Air Tiga Rasa Rejenu Kudus

November 15, 2019. Label:
aroengbinang.com - Ada ketidaksengajaan, atau mungkin setengah jodoh, bahwa kami dapat berkunjung ke Air Tiga Rasa Rejenu Kudus yang nama "resminya" adalah Sendang Petilasan Syekh Sadzali Rejenu. Jodoh setengahnya lagi sayangnya tak kesampaian, lantaran mestinya juga berkunjung ke Air Terjun Monthel yang berjarak hanya sekitar 1,3 km sebelum sendang.
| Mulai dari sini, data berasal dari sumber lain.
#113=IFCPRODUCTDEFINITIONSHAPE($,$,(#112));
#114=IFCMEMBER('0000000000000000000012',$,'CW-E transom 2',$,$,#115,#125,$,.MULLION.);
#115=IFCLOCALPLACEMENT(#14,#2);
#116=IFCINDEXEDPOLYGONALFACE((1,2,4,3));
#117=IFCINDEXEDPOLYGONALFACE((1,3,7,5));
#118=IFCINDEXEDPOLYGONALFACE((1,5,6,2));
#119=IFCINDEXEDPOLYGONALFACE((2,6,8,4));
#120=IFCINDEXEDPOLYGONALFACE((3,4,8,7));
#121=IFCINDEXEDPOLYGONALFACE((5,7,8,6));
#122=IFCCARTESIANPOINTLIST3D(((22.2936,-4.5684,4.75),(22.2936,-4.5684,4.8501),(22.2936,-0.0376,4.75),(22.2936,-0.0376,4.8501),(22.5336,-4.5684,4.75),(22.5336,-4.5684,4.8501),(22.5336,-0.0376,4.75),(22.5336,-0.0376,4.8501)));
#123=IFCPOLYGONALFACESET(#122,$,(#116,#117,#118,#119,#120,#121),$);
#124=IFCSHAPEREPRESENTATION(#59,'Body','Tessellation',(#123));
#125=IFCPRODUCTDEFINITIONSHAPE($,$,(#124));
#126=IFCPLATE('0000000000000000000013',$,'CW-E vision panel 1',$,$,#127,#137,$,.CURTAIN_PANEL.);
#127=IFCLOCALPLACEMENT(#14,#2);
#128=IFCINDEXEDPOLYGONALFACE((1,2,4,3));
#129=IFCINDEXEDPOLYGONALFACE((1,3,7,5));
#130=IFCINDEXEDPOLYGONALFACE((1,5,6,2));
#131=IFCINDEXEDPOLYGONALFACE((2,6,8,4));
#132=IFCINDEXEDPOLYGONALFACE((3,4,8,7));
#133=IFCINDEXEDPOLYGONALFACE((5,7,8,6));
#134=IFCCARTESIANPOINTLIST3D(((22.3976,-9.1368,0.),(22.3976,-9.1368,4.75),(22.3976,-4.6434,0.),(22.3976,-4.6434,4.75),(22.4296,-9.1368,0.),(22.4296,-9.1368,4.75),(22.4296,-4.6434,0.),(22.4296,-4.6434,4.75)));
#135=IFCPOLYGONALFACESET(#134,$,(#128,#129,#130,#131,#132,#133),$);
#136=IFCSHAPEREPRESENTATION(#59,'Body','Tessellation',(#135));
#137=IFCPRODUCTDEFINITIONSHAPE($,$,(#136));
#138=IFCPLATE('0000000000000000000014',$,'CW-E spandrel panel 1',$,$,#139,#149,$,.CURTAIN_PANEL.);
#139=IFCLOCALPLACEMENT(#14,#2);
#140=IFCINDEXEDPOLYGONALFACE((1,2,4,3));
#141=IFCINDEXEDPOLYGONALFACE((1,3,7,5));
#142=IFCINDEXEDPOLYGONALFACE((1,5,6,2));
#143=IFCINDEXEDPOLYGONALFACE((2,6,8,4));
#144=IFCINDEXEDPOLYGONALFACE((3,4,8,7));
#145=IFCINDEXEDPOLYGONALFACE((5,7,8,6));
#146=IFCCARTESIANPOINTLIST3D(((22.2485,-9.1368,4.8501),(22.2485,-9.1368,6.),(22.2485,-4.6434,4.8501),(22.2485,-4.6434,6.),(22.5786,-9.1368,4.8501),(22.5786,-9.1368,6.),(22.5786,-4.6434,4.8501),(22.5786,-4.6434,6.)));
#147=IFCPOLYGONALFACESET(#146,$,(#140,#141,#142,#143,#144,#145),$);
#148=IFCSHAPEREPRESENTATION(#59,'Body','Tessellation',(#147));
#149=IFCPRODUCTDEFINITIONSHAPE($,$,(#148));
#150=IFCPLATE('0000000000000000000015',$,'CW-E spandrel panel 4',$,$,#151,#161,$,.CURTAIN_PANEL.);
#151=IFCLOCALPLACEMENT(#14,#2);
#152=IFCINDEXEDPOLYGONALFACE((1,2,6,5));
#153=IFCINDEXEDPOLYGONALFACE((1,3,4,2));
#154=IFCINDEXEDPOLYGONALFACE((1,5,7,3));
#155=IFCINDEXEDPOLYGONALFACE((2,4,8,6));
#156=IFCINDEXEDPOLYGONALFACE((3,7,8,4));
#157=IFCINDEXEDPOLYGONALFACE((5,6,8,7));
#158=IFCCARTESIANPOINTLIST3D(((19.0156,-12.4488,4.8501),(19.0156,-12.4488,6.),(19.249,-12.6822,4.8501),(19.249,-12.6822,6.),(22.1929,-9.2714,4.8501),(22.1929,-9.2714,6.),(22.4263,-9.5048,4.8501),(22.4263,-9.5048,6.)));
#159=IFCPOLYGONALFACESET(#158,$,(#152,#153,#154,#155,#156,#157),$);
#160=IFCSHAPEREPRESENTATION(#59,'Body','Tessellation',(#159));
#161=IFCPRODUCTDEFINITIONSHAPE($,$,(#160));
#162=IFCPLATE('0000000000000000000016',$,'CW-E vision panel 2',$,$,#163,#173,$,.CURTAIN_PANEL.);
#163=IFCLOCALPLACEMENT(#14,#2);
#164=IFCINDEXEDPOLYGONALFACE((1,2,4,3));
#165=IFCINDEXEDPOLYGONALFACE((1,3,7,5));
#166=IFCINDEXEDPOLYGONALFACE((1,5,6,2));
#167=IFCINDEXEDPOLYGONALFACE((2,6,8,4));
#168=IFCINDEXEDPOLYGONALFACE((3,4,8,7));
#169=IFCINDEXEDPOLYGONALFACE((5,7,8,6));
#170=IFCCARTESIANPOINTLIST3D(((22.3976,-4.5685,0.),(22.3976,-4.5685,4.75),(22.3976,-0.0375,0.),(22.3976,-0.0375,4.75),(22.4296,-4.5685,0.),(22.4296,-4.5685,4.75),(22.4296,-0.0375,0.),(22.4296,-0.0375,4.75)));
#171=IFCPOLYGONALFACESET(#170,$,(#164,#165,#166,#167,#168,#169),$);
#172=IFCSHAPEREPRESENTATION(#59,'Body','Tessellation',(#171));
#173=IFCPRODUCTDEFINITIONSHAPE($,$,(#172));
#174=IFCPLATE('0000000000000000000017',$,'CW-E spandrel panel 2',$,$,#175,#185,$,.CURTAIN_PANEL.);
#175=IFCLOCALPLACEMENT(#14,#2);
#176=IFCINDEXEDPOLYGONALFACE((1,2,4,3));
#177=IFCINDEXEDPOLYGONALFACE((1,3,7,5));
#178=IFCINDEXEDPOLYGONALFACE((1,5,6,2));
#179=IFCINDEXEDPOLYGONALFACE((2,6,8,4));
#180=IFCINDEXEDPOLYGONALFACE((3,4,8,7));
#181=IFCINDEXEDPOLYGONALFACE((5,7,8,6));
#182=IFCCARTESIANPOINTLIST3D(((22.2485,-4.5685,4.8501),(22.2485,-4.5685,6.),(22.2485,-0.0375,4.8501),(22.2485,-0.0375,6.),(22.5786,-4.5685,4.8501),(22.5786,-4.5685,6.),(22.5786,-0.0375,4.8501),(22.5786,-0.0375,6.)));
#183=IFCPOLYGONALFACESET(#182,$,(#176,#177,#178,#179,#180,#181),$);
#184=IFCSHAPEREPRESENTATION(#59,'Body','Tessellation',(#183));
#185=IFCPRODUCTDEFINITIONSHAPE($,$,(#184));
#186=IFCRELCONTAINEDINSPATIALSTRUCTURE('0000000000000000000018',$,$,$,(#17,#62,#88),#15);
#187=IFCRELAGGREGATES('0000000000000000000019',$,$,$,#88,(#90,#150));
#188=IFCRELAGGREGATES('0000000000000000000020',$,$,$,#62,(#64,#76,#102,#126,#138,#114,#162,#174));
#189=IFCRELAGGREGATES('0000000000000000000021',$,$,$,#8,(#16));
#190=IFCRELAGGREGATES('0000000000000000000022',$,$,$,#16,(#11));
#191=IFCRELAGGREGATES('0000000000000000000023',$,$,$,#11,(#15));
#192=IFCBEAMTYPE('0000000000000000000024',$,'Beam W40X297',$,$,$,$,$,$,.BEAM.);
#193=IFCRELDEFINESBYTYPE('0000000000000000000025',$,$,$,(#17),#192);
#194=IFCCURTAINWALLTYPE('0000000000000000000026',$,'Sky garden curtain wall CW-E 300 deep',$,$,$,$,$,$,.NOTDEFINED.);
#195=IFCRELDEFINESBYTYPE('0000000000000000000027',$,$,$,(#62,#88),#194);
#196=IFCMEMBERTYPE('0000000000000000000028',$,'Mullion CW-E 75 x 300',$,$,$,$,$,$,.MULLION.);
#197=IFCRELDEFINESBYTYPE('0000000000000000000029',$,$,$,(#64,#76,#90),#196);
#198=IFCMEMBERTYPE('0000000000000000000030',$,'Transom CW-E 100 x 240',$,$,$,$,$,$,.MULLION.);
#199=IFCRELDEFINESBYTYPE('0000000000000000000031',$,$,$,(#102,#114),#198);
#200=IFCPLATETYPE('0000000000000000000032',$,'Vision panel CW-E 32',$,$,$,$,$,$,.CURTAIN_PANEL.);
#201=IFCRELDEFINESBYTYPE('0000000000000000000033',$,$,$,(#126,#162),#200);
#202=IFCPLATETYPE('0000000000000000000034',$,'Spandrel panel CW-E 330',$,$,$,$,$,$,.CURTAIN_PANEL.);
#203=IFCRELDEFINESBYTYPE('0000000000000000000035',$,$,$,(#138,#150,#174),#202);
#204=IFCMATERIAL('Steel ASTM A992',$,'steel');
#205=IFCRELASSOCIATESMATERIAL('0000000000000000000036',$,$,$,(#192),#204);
Cerita sebelum ke Air Tiga Rasa Rejenu, berpuluh undakan telah kami turuni dari area Makam Sunan Muria dan lutut mulai tegang serta timbul jemu oleh sebab tak bisa melihat panorama lantaran kiri kanan undakan tertutup lapak. Mau berhenti makan pecel tapi belum lapar. Karenanya saat bertemu jalan simpang dan melihat ojeg di sana, timbul godaan: naik ojeg atau terus jalan kaki menuruni undakan.
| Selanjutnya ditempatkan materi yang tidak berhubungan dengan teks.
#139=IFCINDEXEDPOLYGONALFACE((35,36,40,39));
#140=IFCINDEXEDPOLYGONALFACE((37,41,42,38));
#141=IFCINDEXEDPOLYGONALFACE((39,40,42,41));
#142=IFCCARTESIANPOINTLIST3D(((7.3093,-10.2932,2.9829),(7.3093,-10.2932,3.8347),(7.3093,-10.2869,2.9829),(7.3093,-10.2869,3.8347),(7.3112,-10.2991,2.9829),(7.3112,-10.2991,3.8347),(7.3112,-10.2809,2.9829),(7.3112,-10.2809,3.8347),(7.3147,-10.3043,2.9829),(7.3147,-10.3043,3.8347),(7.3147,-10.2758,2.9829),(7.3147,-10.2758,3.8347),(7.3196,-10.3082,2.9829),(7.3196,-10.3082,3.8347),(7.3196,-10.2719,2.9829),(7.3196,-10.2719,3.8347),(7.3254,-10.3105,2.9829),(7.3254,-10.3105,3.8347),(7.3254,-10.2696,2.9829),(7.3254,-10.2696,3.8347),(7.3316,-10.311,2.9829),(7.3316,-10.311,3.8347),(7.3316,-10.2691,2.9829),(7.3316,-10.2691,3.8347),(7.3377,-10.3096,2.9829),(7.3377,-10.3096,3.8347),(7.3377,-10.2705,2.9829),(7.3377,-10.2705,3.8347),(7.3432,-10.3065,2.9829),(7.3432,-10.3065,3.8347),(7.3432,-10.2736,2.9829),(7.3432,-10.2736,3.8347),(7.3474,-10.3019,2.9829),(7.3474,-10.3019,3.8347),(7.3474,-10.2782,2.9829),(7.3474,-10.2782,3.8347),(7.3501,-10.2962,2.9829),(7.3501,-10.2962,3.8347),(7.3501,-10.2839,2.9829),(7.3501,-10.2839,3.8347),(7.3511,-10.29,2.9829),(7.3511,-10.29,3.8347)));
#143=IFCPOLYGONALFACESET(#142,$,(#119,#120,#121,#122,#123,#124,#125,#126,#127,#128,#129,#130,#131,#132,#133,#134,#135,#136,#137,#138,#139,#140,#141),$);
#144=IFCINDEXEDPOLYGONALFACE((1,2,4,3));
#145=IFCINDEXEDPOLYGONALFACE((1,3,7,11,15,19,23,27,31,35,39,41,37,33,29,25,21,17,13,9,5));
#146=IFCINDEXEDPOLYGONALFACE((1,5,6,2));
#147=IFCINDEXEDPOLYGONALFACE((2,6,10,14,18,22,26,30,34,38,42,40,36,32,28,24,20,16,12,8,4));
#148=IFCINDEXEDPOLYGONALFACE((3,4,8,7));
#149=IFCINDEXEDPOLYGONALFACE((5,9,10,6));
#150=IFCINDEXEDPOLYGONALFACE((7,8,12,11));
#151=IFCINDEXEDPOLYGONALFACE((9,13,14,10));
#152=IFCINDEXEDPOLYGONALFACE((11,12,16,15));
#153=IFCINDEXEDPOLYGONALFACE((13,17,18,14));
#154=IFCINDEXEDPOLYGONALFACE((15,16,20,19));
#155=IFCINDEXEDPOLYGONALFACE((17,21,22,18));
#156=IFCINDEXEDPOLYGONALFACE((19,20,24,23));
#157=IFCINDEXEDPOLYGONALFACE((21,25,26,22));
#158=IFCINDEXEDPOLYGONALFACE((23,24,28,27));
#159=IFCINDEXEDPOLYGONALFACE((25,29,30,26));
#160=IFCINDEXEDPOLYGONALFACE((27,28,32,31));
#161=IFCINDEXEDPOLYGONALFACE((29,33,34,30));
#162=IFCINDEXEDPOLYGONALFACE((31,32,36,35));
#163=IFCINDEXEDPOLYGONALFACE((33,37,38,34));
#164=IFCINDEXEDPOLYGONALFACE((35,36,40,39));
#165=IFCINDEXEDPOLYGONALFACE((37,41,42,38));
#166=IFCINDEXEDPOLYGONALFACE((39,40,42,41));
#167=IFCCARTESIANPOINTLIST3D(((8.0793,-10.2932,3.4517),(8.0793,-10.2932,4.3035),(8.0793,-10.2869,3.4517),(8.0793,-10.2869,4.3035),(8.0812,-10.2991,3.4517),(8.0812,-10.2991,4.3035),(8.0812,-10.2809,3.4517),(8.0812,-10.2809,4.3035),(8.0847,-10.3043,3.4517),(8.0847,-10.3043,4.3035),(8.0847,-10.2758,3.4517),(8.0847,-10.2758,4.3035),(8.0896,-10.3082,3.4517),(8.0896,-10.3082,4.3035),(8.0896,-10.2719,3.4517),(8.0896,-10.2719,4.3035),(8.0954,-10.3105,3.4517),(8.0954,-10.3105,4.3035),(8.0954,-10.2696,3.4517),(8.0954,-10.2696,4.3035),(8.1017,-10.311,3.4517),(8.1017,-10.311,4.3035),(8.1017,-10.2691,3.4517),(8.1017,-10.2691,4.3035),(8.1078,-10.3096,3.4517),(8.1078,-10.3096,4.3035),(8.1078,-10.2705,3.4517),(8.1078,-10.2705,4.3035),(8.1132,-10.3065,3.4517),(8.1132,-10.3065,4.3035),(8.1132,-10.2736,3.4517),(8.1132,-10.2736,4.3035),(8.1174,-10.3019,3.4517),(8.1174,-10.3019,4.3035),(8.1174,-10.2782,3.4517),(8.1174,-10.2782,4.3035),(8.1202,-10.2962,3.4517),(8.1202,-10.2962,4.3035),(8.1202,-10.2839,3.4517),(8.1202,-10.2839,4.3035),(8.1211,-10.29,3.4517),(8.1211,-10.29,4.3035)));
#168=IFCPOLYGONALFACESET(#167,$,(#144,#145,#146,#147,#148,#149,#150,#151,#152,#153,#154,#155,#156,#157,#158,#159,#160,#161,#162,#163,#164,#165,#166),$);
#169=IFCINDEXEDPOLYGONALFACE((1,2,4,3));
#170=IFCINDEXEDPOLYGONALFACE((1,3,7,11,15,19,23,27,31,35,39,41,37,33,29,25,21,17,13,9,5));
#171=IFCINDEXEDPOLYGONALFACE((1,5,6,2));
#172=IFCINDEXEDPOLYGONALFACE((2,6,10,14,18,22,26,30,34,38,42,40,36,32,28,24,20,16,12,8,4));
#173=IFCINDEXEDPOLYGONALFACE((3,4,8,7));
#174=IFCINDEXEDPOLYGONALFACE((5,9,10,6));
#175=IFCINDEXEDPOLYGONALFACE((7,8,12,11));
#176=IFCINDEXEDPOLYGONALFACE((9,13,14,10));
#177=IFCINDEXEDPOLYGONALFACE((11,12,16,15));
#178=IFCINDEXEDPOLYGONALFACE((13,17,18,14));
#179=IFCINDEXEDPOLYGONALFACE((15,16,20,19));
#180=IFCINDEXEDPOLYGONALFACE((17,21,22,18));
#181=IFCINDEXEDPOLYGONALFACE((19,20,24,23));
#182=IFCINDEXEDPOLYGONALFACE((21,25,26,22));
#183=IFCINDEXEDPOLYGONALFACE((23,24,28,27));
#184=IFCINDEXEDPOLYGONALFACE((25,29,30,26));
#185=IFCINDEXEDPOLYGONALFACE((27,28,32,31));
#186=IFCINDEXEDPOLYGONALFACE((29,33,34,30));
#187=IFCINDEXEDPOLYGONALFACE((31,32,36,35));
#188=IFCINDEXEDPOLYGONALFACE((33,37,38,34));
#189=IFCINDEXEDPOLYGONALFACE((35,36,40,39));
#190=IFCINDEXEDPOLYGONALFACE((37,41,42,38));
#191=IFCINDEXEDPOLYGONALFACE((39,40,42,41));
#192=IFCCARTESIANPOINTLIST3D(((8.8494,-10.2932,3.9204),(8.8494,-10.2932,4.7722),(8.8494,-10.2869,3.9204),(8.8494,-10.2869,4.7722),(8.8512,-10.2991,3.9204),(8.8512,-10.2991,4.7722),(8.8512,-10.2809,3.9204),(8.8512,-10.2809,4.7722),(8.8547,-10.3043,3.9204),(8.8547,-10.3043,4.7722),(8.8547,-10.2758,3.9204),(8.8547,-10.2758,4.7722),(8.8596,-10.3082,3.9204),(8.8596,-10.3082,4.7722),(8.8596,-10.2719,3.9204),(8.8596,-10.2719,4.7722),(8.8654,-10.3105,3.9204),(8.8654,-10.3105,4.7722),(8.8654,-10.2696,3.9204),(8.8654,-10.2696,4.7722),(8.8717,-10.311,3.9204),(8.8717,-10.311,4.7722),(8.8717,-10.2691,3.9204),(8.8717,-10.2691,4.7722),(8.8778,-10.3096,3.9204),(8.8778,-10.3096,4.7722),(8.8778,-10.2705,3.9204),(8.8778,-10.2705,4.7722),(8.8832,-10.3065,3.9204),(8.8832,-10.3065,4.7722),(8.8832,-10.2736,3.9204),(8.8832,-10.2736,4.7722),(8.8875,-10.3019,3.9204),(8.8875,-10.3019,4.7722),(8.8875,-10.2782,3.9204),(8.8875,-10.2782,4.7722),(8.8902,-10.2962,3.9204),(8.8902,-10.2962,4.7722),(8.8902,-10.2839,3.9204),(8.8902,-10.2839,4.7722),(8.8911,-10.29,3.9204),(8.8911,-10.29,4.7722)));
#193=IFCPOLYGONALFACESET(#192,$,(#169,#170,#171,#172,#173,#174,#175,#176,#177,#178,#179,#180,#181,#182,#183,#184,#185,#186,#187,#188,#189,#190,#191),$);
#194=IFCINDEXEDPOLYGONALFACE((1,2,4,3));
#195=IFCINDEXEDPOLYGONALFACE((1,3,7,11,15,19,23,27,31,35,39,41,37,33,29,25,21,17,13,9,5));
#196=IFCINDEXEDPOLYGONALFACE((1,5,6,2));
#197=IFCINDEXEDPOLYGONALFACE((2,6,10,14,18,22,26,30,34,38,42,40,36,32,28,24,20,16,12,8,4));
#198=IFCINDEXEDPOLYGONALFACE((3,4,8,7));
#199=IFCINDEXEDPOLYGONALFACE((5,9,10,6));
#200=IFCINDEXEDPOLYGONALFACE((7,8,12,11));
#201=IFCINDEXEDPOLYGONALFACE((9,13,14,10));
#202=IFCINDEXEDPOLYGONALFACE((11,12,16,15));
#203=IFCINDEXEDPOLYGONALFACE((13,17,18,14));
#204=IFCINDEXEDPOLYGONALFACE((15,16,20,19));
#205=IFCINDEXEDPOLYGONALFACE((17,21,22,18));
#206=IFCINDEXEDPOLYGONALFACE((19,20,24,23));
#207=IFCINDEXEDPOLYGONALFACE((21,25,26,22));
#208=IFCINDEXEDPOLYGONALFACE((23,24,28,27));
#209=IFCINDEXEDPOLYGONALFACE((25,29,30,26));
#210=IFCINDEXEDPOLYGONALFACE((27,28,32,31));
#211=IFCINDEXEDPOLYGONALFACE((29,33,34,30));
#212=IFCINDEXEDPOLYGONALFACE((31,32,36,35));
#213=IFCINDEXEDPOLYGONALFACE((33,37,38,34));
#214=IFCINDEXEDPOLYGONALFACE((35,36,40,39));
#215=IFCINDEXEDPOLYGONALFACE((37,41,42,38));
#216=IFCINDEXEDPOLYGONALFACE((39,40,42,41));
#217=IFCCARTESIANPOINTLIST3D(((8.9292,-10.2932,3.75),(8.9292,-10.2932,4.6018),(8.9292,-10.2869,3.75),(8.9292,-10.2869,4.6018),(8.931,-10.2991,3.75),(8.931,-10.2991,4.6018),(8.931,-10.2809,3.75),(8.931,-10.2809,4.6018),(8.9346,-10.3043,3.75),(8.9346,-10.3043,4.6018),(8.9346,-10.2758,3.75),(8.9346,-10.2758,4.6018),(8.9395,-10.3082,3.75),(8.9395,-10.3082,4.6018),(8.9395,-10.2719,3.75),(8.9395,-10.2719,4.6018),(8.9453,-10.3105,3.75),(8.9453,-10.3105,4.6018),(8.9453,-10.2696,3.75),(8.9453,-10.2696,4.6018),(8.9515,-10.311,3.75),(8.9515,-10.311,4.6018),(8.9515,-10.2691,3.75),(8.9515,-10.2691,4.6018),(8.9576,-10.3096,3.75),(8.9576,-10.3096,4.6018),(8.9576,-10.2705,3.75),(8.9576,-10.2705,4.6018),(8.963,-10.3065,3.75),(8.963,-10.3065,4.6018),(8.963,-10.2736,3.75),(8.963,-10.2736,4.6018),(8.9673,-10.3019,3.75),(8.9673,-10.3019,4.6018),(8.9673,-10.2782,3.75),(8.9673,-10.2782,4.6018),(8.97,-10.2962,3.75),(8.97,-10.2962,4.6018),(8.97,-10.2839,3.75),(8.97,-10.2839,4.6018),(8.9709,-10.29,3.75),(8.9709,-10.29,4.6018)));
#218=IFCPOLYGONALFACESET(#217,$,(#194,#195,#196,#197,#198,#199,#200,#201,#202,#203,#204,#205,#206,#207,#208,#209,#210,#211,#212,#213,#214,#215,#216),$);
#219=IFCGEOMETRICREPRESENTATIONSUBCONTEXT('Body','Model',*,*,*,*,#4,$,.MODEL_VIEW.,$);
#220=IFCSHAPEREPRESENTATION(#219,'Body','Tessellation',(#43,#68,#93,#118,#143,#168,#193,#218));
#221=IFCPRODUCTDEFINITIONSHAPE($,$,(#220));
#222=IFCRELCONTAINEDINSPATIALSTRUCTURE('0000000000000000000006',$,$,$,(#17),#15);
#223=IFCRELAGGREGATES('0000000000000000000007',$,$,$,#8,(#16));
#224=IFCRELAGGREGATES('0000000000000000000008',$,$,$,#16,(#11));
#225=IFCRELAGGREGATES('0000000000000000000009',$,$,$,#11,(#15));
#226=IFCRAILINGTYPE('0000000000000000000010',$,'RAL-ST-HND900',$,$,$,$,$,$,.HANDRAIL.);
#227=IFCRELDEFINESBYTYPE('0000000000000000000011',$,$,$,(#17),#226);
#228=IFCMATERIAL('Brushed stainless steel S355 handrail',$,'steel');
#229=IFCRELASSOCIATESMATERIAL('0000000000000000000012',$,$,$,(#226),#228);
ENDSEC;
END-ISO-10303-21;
Saat menanyakan harga, tukang ojeg memberi tawaran menarik selain pilihan kembali ke parkir kendaraan, ialah membawa kami ke Air Tiga Rasa Rejenu. Kepalang tanggung sudah joged jantung sewaktu ke makam, kami menyetujuinya. Perjalanan ke Rejenu meski lebih jauh dan juga menanjak, namun tak semendebarkan saat ke makam. Jaraknya sekitar 3 km, separuhnya mengarah ke utara, artinya memanjat lereng Gunung Muria.

air tiga rasa rejenu kudus

Pemandangan pada undakan yang hendak kami lewati menuju ke Air Tiga Rasa Rejenu Kudus, sebelum bertemu undakan berikutnya yang berujung ke gapura paduraksa elok bergaya Majapahitan. Meskipun cukup banyak jumlah undakannya namun tak sampai membuat lutut goyah. Lagipula hawa yang sejuk serta pemandangan sekitar membuat perjalanan tak begitu terasa.

Ada pohon besar yang ada di area Air Tiga Rasa Rejenu Kudus yang mestinya sudah berumur hampir seratusan tahun, namun terlihat masih kokoh dan kuat. Bagian tengah pohon diselimuti tanaman rambat rimbun. Pohon ini saya kira akan cukup kuat jika saja di atasnya dibuat rumah pohon kecil dari bambu atau kayu untuk bersantai menikmati hawa dan pemandangan sekitar.

Berharap tak ada orang kota rakus yang datang ke Rejenu, dan tak pula ada penduduk rakus yang membolehkan pohon-pohon tua itu ditebang untuk menghias rumah mewah orang kota itu. Selebihnya akan sangat membantu bagi pejalan jika saja di bawah pohon itu dipasang keterangan mengenai nama pohonnya yang bisa digunakan sebagai oleh-oleh cerita, dan perkiraan usianya.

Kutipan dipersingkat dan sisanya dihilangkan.